Surveys: Where the best spying tools fail, consider simply asking directly instead. The key to a good survey is to not ask for too much information at once. You can simply ask if the page was helpful or not and what additional information users would like to have seen.
With actual qualitative research in hand, you’ll be in a much better position to build out your website content, user-flow, sitemap, and designs.
2. B2B Web Design Best Practices
Showcase educational content and demonstrate expertise
Step 1. Learn from the B2B Copywriting Masters
Now that you’ve planned your B2B website design and even developed some sweet personas to keep you in the frame of mind of your reader, it’s time to start creating content. There are loads of successful copywriting formulas that you can use to write your content, and we’ll suggest three you can use here.
- Problem-Solution. You’ve probably seen plenty of content on the internet that is boring and stiff; the key to avoiding this and instead grabbing your visitor’s attention is by resonating with the problems they are facing, then explaining how your product or service happily aims to solve these problems.
- The Business Casual Copywriting Formula.
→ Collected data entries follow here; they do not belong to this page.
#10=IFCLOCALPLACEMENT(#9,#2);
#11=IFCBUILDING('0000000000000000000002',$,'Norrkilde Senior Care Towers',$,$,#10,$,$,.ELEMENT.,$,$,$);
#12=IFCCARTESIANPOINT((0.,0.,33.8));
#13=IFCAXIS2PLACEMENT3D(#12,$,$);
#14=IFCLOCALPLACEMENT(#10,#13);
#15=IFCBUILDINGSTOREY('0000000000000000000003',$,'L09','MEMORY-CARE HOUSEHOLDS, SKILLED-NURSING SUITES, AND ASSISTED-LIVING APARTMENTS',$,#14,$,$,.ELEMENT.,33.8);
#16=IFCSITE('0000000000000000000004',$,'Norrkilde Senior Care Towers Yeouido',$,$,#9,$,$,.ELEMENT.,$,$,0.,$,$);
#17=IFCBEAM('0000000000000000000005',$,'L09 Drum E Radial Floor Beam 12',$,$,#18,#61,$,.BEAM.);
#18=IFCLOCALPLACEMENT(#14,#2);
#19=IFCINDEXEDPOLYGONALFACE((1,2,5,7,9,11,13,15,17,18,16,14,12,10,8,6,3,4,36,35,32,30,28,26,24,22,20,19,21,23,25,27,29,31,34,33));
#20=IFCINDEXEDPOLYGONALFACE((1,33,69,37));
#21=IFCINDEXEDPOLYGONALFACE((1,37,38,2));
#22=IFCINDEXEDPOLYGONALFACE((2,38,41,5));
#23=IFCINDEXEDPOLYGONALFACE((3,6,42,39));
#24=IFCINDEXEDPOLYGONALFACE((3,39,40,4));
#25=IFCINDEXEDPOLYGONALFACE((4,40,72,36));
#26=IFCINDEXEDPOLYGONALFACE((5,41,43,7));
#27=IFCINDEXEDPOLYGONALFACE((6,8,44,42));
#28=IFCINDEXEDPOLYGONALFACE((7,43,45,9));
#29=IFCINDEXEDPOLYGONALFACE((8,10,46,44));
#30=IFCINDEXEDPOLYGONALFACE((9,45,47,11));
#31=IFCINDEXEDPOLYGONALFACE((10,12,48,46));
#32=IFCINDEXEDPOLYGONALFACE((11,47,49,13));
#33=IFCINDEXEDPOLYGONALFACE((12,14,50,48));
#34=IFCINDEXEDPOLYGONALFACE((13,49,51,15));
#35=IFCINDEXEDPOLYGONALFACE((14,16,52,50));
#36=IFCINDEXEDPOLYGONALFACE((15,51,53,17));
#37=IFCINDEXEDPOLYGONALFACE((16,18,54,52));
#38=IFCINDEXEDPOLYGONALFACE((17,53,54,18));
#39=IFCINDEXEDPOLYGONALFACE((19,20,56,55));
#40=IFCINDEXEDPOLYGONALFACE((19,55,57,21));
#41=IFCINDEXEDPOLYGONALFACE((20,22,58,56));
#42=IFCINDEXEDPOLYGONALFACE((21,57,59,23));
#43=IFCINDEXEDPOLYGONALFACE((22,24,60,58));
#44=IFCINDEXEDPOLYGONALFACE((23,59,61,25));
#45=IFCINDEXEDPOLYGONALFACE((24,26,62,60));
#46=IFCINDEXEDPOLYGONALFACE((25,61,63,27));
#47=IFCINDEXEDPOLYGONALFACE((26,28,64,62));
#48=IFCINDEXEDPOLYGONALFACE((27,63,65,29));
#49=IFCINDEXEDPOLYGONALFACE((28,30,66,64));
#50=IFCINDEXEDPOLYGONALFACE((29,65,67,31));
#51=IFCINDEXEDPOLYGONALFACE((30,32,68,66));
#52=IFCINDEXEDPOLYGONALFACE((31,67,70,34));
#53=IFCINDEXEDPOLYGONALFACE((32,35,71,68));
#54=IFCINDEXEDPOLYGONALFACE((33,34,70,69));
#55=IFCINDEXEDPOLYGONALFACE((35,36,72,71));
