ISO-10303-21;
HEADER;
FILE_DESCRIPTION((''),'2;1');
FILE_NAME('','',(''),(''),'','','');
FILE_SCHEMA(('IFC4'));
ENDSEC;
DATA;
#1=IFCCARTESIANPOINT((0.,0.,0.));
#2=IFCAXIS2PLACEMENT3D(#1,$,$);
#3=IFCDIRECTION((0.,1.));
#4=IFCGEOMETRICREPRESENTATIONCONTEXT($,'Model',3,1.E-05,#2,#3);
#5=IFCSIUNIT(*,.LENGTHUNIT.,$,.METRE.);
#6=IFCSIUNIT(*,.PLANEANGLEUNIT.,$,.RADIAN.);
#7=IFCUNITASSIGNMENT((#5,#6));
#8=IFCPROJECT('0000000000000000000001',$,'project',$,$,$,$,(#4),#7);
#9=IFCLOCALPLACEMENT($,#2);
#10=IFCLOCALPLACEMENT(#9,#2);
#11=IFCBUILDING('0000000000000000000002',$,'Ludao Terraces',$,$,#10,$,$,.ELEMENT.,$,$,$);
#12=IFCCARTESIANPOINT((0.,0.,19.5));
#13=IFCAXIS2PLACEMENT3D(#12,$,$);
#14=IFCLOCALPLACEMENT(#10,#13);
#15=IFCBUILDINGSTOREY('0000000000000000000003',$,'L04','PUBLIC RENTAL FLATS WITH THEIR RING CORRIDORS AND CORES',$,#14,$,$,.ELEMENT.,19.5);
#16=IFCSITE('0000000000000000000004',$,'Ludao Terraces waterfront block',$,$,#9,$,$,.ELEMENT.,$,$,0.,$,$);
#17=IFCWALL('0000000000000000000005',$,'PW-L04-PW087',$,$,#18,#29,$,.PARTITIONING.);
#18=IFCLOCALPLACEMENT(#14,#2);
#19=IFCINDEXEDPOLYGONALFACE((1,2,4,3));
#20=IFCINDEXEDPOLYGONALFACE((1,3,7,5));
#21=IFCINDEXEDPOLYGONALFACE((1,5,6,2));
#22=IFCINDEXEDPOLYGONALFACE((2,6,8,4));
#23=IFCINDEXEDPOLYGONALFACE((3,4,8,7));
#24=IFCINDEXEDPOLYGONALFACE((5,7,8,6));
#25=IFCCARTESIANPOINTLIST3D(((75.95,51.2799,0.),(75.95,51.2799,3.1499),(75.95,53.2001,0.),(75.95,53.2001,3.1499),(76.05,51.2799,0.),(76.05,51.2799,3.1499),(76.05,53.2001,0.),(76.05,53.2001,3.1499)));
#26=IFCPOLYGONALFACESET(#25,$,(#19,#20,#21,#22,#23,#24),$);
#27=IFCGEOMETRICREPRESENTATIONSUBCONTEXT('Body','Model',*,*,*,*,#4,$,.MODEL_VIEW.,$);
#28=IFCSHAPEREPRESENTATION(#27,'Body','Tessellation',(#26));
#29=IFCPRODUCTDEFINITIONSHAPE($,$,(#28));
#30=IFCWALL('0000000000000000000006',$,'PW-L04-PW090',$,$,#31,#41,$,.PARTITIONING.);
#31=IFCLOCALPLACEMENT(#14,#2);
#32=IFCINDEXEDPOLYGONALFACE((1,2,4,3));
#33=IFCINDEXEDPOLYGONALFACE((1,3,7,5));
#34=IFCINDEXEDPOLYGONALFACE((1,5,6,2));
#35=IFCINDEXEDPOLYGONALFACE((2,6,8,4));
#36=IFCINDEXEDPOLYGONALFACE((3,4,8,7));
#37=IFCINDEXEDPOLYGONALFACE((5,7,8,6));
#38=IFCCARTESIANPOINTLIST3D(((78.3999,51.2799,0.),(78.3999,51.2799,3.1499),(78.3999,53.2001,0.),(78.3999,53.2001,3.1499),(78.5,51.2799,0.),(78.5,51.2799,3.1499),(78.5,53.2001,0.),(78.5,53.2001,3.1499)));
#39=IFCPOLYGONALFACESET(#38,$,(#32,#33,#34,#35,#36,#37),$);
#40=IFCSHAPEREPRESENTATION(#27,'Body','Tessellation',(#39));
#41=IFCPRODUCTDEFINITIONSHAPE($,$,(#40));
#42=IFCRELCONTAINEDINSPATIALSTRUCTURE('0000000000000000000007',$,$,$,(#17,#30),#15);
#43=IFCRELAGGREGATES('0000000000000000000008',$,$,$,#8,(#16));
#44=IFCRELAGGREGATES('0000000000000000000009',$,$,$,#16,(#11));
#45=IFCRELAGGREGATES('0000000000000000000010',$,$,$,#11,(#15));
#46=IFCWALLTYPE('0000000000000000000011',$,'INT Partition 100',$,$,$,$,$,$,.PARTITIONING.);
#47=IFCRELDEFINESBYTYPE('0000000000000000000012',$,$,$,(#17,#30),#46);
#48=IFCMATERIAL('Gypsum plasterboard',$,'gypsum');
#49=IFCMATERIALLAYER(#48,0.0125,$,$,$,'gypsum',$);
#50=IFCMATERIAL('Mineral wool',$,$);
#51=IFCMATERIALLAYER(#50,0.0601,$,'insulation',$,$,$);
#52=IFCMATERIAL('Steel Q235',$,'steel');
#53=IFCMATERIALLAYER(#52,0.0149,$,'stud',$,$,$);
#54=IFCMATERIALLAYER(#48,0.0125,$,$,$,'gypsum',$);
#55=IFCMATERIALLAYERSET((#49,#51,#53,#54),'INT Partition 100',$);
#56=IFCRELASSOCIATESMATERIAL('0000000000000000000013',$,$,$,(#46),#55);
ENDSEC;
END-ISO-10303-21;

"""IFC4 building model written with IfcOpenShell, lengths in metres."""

from ifc_helpers import new_model, si_unit, direction, frame, frame_2d, origin, place, context, subcontext, project, spatial, rectangle, extrude, material, layer, layer_set, type_object, element, save


model = new_model("IFC4")

# Units and contexts
model_context = context("Model", 3, precision=1e-05, world=origin(), true_north=direction((0.0, 1.0)))
body_context = subcontext(model_context, "Body", "Model", "MODEL_VIEW")
ifc_project = project(units=[si_unit("LENGTHUNIT", "METRE"), si_unit("PLANEANGLEUNIT", "RADIAN")], contexts=[model_context])

# Site, building, storey
site_placement = place(None, origin())
site = spatial("IfcSite", under=ifc_project, at=site_placement, Name="Ludao Terraces waterfront block", CompositionType="ELEMENT", RefElevation=0.0)
building_placement = place(site_placement, origin())
building = spatial("IfcBuilding", under=site, at=building_placement, Name="Ludao Terraces", CompositionType="ELEMENT")
storey_placement = place(building_placement, frame((0.0, 0.0, 19.5)))
storey = spatial("IfcBuildingStorey", under=building, at=storey_placement, Name="L04", Description="PUBLIC RENTAL FLATS WITH THEIR RING CORRIDORS AND CORES", CompositionType="ELEMENT", Elevation=19.5)

# Shared definitions
ifc_material_1 = material(Name="Gypsum plasterboard", Category="gypsum")
ifc_layer_1 = layer(ifc_material_1, 0.0125, Category="gypsum")
ifc_material_2 = material(Name="Mineral wool")
ifc_layer_2 = layer(ifc_material_2, 0.0601, Name="insulation")
ifc_material_3 = material(Name="Steel Q235", Category="steel")
ifc_layer_3 = layer(ifc_material_3, 0.0149, Name="stud")
ifc_layer_4 = layer(ifc_material_1, 0.0125, Category="gypsum")
ifc_layer_set = layer_set([ifc_layer_1, ifc_layer_2, ifc_layer_3, ifc_layer_4], Name="INT Partition 100")
wall_type = type_object("IfcWallType", Name="INT Partition 100", PredefinedType="PARTITIONING", material=ifc_layer_set)

# Walls
for number, where, z_axis, x_axis, name in (
    (1, (76.0, 51.28, 0.0), (0.0, 0.0, 1.0), (0.0, 1.0, 0.0), "PW-L04-PW087"),
    (2, (78.45, 51.28, 0.0), (0.0, 0.0, 1.0), (0.0, 1.0, 0.0), "PW-L04-PW090"),
):
    element("IfcWall", number, at=place(storey_placement, frame(where, z_axis=z_axis, x_axis=x_axis)), inside=storey, type_object=wall_type, Name=name, PredefinedType="PARTITIONING", context=body_context, shape_type="SweptSolid", body=[
        extrude(rectangle(XDim=1.9202, YDim=0.1001, at=frame_2d((0.96, 0.0))), origin(), (0.0, 0.0, 1.0), 3.1499),
    ])

save(model, "model.ifc")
Joel Klettke from Business Casual Copywriting expands on the simplicity of problem-solution structured content with the framework he uses to write highly-converting SaaS copy for some of the world’s top Saas brands.
In your copy, you should answer the following questions:
- What is it?
- Who’s it for?
- Why should I care?
- How does it work?
- Why should I trust you?
- What’s next?
According to Joel, at the beginning of your page you should typically answer, “Why should I care?,” “what is it?” and “who’s it for?” In the body content, you should cover “how does it work?”, “how will it improve my life?”, and “why should I trust you?”
Towards the bottom, your copy and CTA should answer “what’s next?.”
Learn more about this technique over at Business Casual Copywriting.
The PASTOR Formula from Ray Edwards. Direct-Response Copywriter Ray Edwards has synthesized the best components of high-converting sales pages and sales letters from the “Mad-Men” era all the way up to today’s web-based marketing and advertising. The acronym he developed is known as the P-A-S-T-O-R method. This is a way to shepherd your website visitors along in order for them to make a buying decision (or non-buying decision) that is in their best interest.
You can find a full discussion of the PASTOR method on the Smart Passive Income Podcast or at rayedwards.com.
Remember, even if you wrote some award-winning web copy, you still need to make this content accessible and easy to find for your website visitors. You’ll want to refer back to your content strategy – especially your sitemap and user-flow diagrams – to make sure all the content flows nicely together and is intuitive for someone that isn’t accustomed to your company, industry, or product/service offerings.
Once you actually begin designing your site, you’ll want to break up your content into smaller, bite sized chunks for people with different reading styles (i.e. readers vs scanners). Blurbs, icons, bullets, numbers, lists, and accordions are all ways to accomplish this.
Example: Microvision develops Automotive Lidar, and the homepage uses storytelling and short videos to paint the picture on what makes their solution a superior choice for automotive manufacturers. Sayenko design built the Microvision website pages in a way for casual users to be able to scan the website and get a high-level idea of what Microvision is all about. For website users who want to dive deeper, they can click on expandable elements, watch videos, and visit supporting pages.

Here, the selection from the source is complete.